Lentamente Gabriela logró recuperarse de un cuadro que parecía irreversible. Volvió a su casa con 40 kilos, graves problemas en los riñones (que casi le valen un trasplante) y la visión muy comprometida. Todavía recuerda la cara de susto de su hijo Pedro cuando la vio después de tanto tiempo de ausencia, donde nadie supo explicarle que su mamá podía morirse. "Cuando volví a casa me acuerdo que Pedro lloraba y me decía 'quiero a mi mamá verdadera. Vos no sos si no servís ni para leerme un cuento', porque yo todavía no veía". 

"A partir de que esto empezó en Diputados fue un movimiento y una revolución para mí de revivir, recordar y enterarme de cosas", dice Gabriela, que reconoce haber tenido fuertes contradicciones al momento de tomar una posición. Sin embargo, el relato de una médica en televisión que hablaba sobre su fe religiosa y a la vez su responsabilidad de cuidar la vida de las mujeres la conmovió hasta las lágrimas. Esa misma noche su hermana le sugirió que escribiera una carta que luego publicó también su hijo y Juana Repetto en sus cuentas Instagram y le permitieron después de muchos años hacer pública su historia.

"El primero que me llamó fue mi hijo y me dijo 'mamá gracias por elegirme, gracias por cuidarme, gracias por estar ahí, por no haberte rendido'. Me dijo unas cosas que para una mamá son tremendas", dice y se emociona. "Cuando yo decido quedarme sólo pensaba en cuidar mi vida y la de mi hijo que ya vive, ya existe, que está caminando, me llama, me pide, me está buscando y me espera. Yo me quedaba sin un hijo pero él se queda sin mamá y yo también decidí tenerlo a él".

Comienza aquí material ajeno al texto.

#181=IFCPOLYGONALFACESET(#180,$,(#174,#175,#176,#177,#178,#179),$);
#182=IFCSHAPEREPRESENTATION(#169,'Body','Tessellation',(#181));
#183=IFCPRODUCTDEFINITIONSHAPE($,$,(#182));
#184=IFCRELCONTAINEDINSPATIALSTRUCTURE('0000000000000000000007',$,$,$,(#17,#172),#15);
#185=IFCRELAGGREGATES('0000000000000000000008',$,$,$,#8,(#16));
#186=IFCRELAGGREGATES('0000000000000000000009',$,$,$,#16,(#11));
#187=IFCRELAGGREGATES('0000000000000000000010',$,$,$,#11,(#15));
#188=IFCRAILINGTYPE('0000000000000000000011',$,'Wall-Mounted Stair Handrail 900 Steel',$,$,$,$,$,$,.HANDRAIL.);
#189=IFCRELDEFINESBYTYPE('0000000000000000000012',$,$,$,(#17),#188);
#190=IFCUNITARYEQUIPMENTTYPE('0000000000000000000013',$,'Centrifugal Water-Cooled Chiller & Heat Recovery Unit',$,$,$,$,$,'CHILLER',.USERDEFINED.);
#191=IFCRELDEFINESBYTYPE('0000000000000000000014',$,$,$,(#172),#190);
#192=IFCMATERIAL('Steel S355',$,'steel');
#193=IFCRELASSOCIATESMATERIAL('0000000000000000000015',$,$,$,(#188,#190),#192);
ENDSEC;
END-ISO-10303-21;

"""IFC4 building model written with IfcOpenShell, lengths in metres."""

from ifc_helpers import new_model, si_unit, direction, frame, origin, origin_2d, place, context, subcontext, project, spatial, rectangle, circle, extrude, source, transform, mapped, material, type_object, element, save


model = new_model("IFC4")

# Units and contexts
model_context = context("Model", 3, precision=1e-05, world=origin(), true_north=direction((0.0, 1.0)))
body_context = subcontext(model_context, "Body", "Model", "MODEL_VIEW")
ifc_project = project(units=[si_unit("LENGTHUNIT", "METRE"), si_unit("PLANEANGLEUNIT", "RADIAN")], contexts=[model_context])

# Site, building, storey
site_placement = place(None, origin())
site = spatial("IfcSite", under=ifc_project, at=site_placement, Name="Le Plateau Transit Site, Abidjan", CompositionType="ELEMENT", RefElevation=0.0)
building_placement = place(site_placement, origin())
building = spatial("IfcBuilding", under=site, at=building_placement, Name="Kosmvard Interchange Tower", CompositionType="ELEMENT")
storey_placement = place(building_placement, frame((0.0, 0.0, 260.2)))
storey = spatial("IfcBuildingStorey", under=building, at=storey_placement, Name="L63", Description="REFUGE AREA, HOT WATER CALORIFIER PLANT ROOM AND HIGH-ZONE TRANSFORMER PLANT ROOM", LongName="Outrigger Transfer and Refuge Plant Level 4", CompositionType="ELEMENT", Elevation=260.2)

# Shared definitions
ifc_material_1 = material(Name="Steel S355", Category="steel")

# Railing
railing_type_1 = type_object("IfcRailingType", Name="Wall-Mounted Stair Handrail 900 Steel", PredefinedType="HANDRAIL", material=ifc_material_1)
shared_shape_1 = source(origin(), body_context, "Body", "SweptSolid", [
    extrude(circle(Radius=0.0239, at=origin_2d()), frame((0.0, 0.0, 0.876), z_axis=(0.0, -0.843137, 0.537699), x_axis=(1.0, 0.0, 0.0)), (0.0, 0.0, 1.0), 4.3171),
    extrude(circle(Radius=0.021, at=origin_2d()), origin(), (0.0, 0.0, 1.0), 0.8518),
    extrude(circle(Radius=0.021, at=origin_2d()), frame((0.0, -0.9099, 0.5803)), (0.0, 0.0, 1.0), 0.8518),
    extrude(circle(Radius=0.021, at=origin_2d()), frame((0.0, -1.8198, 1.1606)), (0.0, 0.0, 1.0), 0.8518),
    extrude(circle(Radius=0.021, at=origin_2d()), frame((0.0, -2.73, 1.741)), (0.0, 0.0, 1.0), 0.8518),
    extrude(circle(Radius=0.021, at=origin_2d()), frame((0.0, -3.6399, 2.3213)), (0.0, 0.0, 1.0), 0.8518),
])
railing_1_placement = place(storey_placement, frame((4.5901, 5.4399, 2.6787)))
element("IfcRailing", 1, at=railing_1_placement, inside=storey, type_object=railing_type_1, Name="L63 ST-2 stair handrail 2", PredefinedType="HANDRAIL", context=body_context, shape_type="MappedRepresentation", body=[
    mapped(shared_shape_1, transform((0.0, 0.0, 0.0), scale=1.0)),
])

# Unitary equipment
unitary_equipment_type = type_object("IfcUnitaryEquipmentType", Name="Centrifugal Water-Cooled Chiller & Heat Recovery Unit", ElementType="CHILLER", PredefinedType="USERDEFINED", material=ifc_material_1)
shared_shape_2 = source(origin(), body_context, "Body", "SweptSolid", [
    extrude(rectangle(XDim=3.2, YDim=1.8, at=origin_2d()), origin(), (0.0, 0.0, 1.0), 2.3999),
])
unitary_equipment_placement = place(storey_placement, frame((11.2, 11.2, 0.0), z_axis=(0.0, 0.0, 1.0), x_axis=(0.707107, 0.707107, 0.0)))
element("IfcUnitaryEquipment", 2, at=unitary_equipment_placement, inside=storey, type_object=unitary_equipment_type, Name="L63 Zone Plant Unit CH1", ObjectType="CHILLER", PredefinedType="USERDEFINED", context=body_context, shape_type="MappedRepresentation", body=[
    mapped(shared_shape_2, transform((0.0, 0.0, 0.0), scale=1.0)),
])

"Nadie quiere matar. En el momento de la internación se está dirimiendo entre dos vidas pero todo lo que de verdad existe alrededor de uno no son esas dos nada más. Es una mirada chiquitita esa. Es una falacia porque no se trata de una u otra. Se trata de la que ya está y la que todavía es 'proyecto de'".

(Damián Rodríguez)
(Damián Rodríguez)

"Aunque la mayoría de los comentarios son amorosos hay gente que me pega y me dice cosas espantosas", lamenta. "Mientras no te exponés eso no te pasa pero yo me decía a mí misma: 'Hace 22 años vos soñabas con hacer algo para cambiarlo ¿ahora aparece la posibilidad y no te vas a mover?' Fueron dos días que creo que contesté 2 mil mensajes de gente que no sé ni quién es".

Gabriela es católica, incluso fue catequista, pero insiste en la importancia de "abrir la cabeza" y entender que "hay cuestiones que tienen que ver con la salud pública y el cuidado de las personas": "Los senadores tienen que acordarse que son funcionarios que tienen que legislar para el bien común y no por sus creencias personales o por lo que a ellos le gustaría que pase en su familia".

"Para mi tiene un peso muy grande porque se está cerrando un ciclo. A mí no me paraba en la cabeza  que esto tenía que servir para algo", concluye. "Todo lo que vivimos como comunidad tiene que sumar para que podamos ser mejores. Para mí abrirlo tiene que ver con eso, más allá de que pase con la ley, lo bueno es que haya gente que pueda replantearse algunas cosas, pensar desde otro lugares, que haya mujeres sin voz que se puedan sentir representadas y escuchadas".